If your perplexing remark means seconds with 2 decimal places, then see
in the newsgroup FAQ or via below to convert variable Dur.

--
© John Stockton, Surrey, UK. ?@merlyn.demon.co.uk Turnpike v4.00 IE 4 ©
<URL:http://www.jibbering.com/faq/> JL/RC: FAQ of news:comp.lang.javascript
<URL:http://www.merlyn.demon.co.uk/js-index.htm> jscr maths, dates, sources.
<URL:http://www.merlyn.demon.co.uk/> TP/BP/Delphi/jscr/&c, FAQ items, links.
Jul 23 '05 #4
Dr John Stockton wrote:
JRS: In article <42aed83a$0$22927$5a62ac22@per-qv1-newsreader-
01.iinet.net.au>, dated Tue, 14 Jun 2005 23:15:21, seen in
news:comp.lang.javascript, Andrew Poulos <ap*****@hotmail.com> posted :
How do I convert a length of time, measured in seconds, into a "point in
time" type time interval or what's represented as: time (second,10,2)

What the latter might mean is unclear to me.
The format is:

P[yY][mM][dD][T[hH][mM][s[.s]S]] where:

y: The number of years (integer, >= 0, not restricted)
m: The number of months (integer, >=0, not restricted)
d: The number of days (integer, >=0, not restricted)
h: The number of hours (integer, >=0, not restricted)
n: The number of minutes (integer, >=0, not restricted)
s: The number of seconds or fraction of seconds (real or integer, >=0,
not restricted). If fractions of a second are used, SCORM further
restricts the string to a maximum of 2 digits (e.g., 34.45 – valid,
34.45454545 – not valid).
The character literals designators “P”,”Y”,”M”,”D”,”T”,”H”,”M”,”S” shall
appear if the corresponding non-zero value is present.

Example:
P1Y3M2DT3H indicates a period of time of 1 year, 3 months, 2 days and 3
hours
PT3H5M indicates a period of time of 3 hours and 5 minutes

It's used by the SCORM RTE to measure the length of session times.

I've had a few goes but the code starts to look like spaghetti then I
have to give up.


Since months have varying numbers of days and days can have varying
numbers of hours, there can be no proper answer.

You can get an approximate answer by assuming 30 or 30.6 days per month
and 24 hours per day.
Each paragraph below refers to one line of the following code paragraph.

Create an Object containing zero-duration components.

T, if present, serves only to discriminate months and minutes; so use it
to change the minute-identifier, if present, to Z.

P & T now have no use; remove them, if present.

Insert semicolon separators between the fields.

Split the fields at the semicolons.

For each field, use the final character to index in the Object the place
where the numeric part is then stored, as a Number.

Determine, to check, the interval in (approx) ISO 8601 form

Determine the Duration with assumed component lengths.
X = "P33Y14DT3H5M3.7S" // test value

Obj = {Y:0, M:0, D:0, H:0, Z:0, S:0}
X = X.replace(/T(.*)M/, "T$1Z")
X = X.replace(/[PT]/g, "")
X = X.replace(/([A-Z])(\d)/g, "$1;$2")
X = X.split(';')
for (J in X) { T = X[J] ; Obj[T.charAt(T.length-1)] = parseFloat(X[J]) }
with (Obj) ISO = ((((Y*100+M)*100+D)*100+H)*100+Z)*100+S
with (Obj) Dur = ((((Y*12+M)*30+D)*24+H)*60+Z)*60+S
The four conversions on X could be done in one statement.
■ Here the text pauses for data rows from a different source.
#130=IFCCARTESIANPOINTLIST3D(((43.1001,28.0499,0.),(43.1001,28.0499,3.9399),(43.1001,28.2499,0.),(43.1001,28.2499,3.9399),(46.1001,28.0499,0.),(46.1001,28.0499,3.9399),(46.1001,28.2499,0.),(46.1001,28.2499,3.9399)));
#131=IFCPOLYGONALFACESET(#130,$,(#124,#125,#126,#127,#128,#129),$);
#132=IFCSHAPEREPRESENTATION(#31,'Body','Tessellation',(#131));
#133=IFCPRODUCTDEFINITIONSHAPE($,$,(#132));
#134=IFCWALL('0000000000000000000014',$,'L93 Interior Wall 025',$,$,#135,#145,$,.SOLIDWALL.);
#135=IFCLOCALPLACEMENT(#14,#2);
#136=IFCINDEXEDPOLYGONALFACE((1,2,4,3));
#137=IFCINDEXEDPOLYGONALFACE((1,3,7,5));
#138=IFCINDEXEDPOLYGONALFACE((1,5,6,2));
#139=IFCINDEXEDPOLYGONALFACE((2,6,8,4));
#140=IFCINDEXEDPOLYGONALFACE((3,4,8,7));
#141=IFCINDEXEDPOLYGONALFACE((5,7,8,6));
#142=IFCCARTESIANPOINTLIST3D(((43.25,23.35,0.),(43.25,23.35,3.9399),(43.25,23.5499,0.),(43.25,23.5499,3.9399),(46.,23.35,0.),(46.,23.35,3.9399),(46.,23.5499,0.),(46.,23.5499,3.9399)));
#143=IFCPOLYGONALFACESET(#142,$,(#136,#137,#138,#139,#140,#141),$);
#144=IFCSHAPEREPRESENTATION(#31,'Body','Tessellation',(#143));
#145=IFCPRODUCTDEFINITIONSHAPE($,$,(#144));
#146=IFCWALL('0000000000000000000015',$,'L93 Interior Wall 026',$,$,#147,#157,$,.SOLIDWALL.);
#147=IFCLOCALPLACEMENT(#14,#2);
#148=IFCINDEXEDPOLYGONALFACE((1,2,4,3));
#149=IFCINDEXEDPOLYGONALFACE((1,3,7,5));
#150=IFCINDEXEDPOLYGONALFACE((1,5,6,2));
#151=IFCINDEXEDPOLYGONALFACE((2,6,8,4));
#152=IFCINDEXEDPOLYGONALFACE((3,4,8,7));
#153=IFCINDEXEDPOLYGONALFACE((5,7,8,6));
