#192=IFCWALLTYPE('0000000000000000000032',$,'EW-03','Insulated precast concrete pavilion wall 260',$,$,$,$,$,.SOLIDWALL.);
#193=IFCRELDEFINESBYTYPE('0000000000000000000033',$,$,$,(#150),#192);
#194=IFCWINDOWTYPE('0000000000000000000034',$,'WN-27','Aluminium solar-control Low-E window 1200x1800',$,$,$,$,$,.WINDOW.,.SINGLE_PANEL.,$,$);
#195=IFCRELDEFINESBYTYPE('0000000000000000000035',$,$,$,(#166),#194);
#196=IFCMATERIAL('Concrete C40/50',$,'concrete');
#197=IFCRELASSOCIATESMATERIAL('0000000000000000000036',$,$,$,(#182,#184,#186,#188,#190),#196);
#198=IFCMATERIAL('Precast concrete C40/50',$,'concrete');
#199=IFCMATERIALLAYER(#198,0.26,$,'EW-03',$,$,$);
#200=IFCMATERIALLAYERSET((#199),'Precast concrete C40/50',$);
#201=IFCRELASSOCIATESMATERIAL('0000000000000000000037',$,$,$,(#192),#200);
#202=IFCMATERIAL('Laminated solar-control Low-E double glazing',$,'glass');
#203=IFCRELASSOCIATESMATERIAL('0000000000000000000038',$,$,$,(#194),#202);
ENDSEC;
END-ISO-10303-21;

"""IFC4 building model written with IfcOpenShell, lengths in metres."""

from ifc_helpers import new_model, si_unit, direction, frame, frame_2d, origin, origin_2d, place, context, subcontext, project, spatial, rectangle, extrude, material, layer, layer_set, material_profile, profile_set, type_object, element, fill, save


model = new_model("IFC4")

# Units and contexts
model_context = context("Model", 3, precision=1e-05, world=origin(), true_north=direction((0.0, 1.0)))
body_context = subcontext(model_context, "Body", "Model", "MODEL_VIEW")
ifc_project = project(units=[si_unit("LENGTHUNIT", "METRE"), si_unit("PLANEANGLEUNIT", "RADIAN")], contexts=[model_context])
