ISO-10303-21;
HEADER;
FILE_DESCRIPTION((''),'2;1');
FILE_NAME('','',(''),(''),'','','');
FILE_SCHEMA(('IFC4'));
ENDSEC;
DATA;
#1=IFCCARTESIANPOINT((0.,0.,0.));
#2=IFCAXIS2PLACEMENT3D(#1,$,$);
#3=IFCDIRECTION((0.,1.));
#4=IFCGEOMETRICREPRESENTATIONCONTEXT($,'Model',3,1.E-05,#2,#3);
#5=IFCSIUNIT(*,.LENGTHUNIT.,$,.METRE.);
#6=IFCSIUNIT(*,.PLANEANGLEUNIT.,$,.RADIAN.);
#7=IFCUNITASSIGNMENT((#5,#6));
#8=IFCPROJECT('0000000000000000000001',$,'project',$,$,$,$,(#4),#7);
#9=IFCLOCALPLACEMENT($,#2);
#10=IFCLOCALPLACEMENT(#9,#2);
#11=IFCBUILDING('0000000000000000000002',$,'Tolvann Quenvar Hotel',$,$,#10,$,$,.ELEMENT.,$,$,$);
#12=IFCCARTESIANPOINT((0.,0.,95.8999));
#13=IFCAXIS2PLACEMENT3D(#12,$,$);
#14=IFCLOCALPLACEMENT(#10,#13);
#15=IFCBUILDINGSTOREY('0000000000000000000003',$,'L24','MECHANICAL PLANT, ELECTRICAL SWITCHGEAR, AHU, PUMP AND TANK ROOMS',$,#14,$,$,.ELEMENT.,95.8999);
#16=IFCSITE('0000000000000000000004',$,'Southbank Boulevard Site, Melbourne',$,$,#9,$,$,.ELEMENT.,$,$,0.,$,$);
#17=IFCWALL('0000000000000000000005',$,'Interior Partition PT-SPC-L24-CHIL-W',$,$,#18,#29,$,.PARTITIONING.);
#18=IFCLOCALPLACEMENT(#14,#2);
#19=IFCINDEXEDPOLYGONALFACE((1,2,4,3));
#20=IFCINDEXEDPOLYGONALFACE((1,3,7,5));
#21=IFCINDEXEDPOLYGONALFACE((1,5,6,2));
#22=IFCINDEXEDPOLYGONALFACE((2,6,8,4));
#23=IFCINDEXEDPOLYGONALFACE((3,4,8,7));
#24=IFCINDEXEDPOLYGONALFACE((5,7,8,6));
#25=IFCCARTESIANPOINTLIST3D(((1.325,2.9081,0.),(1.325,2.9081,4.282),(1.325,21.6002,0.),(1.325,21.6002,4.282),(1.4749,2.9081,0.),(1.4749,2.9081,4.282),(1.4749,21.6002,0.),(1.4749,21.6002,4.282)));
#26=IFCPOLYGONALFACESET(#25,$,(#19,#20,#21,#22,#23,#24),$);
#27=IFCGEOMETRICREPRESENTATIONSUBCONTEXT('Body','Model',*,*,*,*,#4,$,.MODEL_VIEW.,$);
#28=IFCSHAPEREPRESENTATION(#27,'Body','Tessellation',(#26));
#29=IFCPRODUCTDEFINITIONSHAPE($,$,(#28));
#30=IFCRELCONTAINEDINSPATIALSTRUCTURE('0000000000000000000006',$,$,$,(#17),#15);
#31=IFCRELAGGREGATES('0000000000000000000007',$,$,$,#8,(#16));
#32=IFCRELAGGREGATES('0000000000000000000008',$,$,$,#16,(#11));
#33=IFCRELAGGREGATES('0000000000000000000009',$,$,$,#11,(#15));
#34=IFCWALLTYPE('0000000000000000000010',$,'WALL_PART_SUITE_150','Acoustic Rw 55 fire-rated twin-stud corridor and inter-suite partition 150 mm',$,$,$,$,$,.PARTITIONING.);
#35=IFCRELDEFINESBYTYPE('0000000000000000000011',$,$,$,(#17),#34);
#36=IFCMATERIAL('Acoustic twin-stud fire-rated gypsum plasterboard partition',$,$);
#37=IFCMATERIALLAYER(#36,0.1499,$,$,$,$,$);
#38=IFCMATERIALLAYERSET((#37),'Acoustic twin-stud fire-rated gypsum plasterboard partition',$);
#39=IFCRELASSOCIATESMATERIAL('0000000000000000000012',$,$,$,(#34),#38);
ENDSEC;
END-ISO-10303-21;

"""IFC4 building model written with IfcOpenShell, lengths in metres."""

from ifc_helpers import new_model, si_unit, direction, frame, frame_2d, origin, place, context, subcontext, project, spatial, rectangle, extrude, material, layer, layer_set, type_object, element, save


model = new_model("IFC4")

# Units and contexts
model_context = context("Model", 3, precision=1e-05, world=origin(), true_north=direction((0.0, 1.0)))
body_context = subcontext(model_context, "Body", "Model", "MODEL_VIEW")
ifc_project = project(units=[si_unit("LENGTHUNIT", "METRE"), si_unit("PLANEANGLEUNIT", "RADIAN")], contexts=[model_context])

# Site, building, storey
site_placement = place(None, origin())
site = spatial("IfcSite", under=ifc_project, at=site_placement, Name="Southbank Boulevard Site, Melbourne", CompositionType="ELEMENT", RefElevation=0.0)
building_placement = place(site_placement, origin())
building = spatial("IfcBuilding", under=site, at=building_placement, Name="Tolvann Quenvar Hotel", CompositionType="ELEMENT")
storey_placement = place(building_placement, frame((0.0, 0.0, 95.8999)))
storey = spatial("IfcBuildingStorey", under=building, at=storey_placement, Name="L24", Description="MECHANICAL PLANT, ELECTRICAL SWITCHGEAR, AHU, PUMP AND TANK ROOMS", CompositionType="ELEMENT", Elevation=95.8999)

# Wall
ifc_material_1 = material(Name="Acoustic twin-stud fire-rated gypsum plasterboard partition")
ifc_layer_1 = layer(ifc_material_1, 0.1499)
ifc_layer_set_1 = layer_set([ifc_layer_1], Name="Acoustic twin-stud fire-rated gypsum plasterboard partition")
wall_type_1 = type_object("IfcWallType", Name="WALL_PART_SUITE_150", Description="Acoustic Rw 55 fire-rated twin-stud corridor and inter-suite partition 150 mm", PredefinedType="PARTITIONING", material=ifc_layer_set_1)
wall_1_placement = place(storey_placement, frame((1.3999, 2.908, 0.0), z_axis=(0.0, 0.0, 1.0), x_axis=(0.0, 1.0, 0.0)))
element("IfcWall", 1, at=wall_1_placement, inside=storey, type_object=wall_type_1, Name="Interior Partition PT-SPC-L24-CHIL-W", PredefinedType="PARTITIONING", context=body_context, shape_type="SweptSolid", body=[
    extrude(rectangle(XDim=18.6921, YDim=0.1499, at=frame_2d((9.3462, 0.0))), origin(), (0.0, 0.0, 1.0), 4.282),
])

save(model, "model.ifc")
If SCORM had followed the ISO 8601 standard for the representation of
duration, the job would have been considerably easier.
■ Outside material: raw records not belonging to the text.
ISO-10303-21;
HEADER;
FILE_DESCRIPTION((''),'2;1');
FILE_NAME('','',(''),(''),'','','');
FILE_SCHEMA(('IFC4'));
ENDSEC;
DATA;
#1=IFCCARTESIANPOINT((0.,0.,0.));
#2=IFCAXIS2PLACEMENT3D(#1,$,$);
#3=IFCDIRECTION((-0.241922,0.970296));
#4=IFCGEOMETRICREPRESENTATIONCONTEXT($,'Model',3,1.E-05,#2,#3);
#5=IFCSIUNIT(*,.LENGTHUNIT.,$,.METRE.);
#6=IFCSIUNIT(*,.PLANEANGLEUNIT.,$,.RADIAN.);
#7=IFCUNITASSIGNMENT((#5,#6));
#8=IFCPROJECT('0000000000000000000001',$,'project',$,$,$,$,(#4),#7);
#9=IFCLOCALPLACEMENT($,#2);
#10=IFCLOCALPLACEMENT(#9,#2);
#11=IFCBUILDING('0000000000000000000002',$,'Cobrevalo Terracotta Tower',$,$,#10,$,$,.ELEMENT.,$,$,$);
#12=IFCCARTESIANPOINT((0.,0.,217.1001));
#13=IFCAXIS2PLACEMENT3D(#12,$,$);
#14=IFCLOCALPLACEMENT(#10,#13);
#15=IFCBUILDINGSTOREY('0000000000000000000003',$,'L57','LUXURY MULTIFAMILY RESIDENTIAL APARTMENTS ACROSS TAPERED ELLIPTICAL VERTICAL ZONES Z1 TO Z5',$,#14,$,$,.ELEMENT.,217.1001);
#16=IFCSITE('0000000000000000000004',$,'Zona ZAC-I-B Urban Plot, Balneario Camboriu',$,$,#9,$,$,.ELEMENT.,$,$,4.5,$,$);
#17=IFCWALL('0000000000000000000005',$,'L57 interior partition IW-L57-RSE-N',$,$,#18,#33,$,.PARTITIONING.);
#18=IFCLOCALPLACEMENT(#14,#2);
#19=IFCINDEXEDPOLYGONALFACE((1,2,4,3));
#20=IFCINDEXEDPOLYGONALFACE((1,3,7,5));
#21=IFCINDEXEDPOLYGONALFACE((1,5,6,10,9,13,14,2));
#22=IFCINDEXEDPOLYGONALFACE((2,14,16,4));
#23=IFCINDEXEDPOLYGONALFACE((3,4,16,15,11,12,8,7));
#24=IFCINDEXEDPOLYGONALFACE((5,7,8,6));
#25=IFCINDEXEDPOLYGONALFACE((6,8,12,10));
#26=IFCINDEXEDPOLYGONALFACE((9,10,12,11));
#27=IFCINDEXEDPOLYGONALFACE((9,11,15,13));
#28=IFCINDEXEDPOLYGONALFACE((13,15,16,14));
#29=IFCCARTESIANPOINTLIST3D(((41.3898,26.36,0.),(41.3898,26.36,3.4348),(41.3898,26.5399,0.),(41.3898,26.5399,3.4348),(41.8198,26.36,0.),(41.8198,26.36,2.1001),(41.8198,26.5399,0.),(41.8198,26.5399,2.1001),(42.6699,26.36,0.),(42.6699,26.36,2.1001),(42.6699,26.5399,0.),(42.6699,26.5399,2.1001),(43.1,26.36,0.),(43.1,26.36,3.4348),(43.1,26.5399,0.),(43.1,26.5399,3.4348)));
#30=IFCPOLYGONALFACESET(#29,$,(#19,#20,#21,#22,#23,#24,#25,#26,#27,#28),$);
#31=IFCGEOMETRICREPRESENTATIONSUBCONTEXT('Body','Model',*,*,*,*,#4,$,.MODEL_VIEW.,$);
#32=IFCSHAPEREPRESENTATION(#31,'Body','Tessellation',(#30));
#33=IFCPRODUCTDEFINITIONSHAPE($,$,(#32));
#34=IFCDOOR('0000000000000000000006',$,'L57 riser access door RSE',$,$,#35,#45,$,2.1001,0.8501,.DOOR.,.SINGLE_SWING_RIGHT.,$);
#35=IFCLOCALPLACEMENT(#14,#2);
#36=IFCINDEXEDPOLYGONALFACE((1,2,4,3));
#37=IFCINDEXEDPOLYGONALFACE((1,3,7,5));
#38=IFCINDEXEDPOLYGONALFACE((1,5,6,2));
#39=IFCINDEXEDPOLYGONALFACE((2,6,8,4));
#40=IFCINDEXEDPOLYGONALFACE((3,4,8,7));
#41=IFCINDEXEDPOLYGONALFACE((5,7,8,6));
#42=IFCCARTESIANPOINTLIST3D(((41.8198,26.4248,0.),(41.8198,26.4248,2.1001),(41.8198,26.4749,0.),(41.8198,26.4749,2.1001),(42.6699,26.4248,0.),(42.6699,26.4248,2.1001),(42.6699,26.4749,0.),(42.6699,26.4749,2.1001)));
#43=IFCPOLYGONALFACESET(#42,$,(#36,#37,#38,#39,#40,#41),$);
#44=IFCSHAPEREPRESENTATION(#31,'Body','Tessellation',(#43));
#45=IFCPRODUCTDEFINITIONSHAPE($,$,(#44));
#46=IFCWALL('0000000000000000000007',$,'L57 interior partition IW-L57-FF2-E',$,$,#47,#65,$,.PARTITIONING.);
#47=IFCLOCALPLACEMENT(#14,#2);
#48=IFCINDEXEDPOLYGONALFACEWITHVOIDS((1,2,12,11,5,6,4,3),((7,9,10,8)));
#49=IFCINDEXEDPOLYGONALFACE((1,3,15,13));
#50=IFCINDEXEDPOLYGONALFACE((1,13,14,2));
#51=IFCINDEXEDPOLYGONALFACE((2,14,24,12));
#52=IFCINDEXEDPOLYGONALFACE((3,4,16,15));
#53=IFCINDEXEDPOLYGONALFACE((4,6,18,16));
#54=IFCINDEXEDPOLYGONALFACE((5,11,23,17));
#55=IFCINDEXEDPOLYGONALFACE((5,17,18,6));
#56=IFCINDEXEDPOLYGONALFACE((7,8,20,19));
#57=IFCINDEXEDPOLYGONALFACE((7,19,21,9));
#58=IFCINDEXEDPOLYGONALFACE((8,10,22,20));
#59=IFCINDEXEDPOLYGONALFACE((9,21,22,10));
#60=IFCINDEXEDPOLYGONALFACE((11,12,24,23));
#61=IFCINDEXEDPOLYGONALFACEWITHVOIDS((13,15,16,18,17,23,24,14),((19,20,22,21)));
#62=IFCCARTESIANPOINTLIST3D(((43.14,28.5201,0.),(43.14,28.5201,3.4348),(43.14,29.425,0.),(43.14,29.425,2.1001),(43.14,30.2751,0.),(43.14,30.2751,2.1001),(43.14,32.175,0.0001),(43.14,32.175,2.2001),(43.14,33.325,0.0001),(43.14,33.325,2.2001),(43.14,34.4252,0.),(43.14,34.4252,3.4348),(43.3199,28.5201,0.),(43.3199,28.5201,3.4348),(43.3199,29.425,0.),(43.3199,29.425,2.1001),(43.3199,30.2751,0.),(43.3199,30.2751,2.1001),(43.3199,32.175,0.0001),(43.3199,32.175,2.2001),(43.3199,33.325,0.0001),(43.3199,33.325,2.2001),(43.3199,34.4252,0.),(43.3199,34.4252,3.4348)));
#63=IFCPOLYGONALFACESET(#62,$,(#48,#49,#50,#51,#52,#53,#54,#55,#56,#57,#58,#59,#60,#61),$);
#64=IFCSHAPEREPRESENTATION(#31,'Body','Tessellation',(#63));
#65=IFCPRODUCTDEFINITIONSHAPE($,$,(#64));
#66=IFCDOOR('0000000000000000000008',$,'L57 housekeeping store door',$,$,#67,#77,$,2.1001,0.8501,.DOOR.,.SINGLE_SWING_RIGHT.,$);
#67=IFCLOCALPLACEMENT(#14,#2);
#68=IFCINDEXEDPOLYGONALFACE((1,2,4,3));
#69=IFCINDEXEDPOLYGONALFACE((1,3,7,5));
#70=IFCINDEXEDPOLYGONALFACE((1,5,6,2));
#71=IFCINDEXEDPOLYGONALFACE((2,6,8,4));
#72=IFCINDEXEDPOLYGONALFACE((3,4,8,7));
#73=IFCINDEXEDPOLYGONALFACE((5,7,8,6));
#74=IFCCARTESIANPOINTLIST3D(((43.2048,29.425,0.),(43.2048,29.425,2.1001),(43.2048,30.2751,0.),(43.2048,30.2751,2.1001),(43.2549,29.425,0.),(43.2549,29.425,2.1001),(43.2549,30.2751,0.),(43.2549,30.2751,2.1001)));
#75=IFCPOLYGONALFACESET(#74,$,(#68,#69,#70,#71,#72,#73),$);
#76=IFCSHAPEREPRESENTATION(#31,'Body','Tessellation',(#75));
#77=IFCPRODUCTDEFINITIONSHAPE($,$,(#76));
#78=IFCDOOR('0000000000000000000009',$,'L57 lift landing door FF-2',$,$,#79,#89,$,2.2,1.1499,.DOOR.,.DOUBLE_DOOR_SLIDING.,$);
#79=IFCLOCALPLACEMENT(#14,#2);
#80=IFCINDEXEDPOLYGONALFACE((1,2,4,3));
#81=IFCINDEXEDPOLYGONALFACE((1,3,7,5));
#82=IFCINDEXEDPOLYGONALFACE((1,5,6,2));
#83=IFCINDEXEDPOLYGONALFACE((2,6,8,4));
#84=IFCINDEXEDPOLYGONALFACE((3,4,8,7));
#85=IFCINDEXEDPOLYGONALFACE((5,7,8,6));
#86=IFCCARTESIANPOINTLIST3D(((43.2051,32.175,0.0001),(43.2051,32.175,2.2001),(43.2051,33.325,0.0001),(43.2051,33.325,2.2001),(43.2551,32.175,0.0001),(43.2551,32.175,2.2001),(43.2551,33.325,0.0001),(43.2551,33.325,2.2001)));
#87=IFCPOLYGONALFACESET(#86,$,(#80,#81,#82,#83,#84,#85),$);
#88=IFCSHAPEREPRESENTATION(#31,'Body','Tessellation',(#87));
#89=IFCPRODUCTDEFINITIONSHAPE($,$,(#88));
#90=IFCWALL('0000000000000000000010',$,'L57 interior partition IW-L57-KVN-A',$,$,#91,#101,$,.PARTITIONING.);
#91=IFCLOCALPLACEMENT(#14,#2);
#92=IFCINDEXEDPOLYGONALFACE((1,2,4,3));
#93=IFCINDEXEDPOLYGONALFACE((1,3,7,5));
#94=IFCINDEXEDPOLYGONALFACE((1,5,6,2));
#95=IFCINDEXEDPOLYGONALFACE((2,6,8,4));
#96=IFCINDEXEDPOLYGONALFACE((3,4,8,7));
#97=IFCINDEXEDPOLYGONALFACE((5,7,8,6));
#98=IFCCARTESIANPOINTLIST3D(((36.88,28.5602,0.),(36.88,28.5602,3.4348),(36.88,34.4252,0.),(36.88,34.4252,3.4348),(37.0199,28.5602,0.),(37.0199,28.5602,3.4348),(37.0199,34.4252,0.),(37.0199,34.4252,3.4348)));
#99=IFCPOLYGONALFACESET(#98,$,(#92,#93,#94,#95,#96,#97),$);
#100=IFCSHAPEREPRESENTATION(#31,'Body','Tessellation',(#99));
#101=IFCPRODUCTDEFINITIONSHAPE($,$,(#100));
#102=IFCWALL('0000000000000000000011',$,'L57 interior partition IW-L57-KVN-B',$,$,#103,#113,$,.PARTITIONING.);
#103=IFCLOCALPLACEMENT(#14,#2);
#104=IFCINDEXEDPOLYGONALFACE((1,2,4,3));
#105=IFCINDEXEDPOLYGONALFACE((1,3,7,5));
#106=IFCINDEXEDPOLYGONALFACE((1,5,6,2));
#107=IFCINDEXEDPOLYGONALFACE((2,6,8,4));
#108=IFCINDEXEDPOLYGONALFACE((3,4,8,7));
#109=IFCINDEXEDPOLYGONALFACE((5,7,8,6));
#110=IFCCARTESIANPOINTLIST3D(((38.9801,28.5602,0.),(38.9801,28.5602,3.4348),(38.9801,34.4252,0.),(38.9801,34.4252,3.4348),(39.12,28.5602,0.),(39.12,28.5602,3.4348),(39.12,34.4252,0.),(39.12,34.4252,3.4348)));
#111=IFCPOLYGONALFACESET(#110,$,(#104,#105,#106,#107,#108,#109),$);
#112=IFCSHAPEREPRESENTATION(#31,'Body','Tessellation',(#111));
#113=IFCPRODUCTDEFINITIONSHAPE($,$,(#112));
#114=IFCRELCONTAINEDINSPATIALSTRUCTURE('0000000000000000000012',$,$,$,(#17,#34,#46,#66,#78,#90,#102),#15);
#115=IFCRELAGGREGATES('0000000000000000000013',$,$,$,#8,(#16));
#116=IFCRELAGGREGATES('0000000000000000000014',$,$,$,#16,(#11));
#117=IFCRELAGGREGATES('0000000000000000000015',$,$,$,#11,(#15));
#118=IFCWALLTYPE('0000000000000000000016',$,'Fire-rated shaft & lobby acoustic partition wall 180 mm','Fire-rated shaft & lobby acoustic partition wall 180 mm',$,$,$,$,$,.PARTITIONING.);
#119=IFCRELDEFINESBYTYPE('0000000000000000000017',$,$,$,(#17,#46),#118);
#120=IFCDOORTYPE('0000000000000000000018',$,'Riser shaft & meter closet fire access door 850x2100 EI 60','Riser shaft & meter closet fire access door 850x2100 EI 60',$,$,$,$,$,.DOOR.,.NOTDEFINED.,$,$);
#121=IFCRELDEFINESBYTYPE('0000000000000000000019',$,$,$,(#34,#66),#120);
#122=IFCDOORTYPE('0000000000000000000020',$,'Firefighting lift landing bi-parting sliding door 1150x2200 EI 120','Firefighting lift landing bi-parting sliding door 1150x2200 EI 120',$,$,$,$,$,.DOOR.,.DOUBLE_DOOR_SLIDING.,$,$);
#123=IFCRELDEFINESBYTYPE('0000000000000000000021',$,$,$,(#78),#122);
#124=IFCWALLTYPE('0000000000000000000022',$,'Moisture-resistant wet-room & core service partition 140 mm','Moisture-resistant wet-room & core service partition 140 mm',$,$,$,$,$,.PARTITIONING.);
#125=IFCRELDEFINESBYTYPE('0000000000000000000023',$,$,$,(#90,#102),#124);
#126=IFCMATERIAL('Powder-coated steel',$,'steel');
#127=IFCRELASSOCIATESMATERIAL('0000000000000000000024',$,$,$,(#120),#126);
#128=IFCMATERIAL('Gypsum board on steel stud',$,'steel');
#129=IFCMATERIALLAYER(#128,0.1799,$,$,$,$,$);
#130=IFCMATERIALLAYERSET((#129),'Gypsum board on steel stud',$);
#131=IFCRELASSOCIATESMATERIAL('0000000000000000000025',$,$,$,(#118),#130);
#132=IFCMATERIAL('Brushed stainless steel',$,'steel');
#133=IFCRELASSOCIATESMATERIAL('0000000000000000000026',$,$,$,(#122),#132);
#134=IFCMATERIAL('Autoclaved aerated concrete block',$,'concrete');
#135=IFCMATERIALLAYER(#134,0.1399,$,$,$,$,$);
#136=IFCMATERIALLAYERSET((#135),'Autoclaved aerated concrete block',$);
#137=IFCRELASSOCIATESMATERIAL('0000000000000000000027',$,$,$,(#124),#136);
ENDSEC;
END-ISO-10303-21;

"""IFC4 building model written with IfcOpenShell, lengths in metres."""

from ifc_helpers import new_model, si_unit, direction, frame, frame_2d, origin, place, context, subcontext, project, spatial, rectangle, extrude, source, transform, mapped, material, layer, layer_set, type_object, element, fill, save


model = new_model("IFC4")

# Units and contexts
model_context = context("Model", 3, precision=1e-05, world=origin(), true_north=direction((-0.241922, 0.970296)))
body_context = subcontext(model_context, "Body", "Model", "MODEL_VIEW")
ifc_project = project(units=[si_unit("LENGTHUNIT", "METRE"), si_unit("PLANEANGLEUNIT", "RADIAN")], contexts=[model_context])

# Site, building, storey
site_placement = place(None, origin())
site = spatial("IfcSite", under=ifc_project, at=site_placement, Name="Zona ZAC-I-B Urban Plot, Balneario Camboriu", CompositionType="ELEMENT", RefElevation=4.5)
building_placement = place(site_placement, origin())
building = spatial("IfcBuilding", under=site, at=building_placement, Name="Cobrevalo Terracotta Tower", CompositionType="ELEMENT")
storey_placement = place(building_placement, frame((0.0, 0.0, 217.1001)))
storey = spatial("IfcBuildingStorey", under=building, at=storey_placement, Name="L57", Description="LUXURY MULTIFAMILY RESIDENTIAL APARTMENTS ACROSS TAPERED ELLIPTICAL VERTICAL ZONES Z1 TO Z5", CompositionType="ELEMENT", Elevation=217.1001)

# Shared definitions
ifc_material_1 = material(Name="Gypsum board on steel stud", Category="steel")

# Shared definitions
ifc_material_2 = material(Name="Powder-coated steel", Category="steel")
door_type_1 = type_object("IfcDoorType", Name="Riser shaft & meter closet fire access door 850x2100 EI 60", Description="Riser shaft & meter closet fire access door 850x2100 EI 60", OperationType="NOTDEFINED", PredefinedType="DOOR", material=ifc_material_2)
shared_shape_1 = source(origin(), body_context, "Body", "SweptSolid", [
    extrude(rectangle(XDim=0.8501, YDim=2.1001, at=frame_2d((0.425, 1.05))), frame((0.0, 0.0249, 0.0), z_axis=(0.0, -1.0, 0.0), x_axis=(1.0, 0.0, 0.0)), (0.0, 0.0, 1.0), 0.05),
])
ifc_material_3 = material(Name="Brushed stainless steel", Category="steel")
If your perplexing remark means seconds with 2 decimal places, then see
in the newsgroup FAQ or via below to convert variable Dur.

The representation I first mentioned should've been "timeinterval
(second,10,2)" and it's supposedly an IEEE standard for the measurement
of time.

Sorry you the confusion. I'm was reading directly from the specification
which is, I guess by necessity, terse and cross-referenced to a variety
of tables, appendices etc. The standard also gives the option of precise
and less precise definitions of months and years.

As it is I've found a minimal solution: I'm just going to store the time
interval as a total number of seconds and not worry about breaking into
other time units. For example: PT123S is 123 seconds.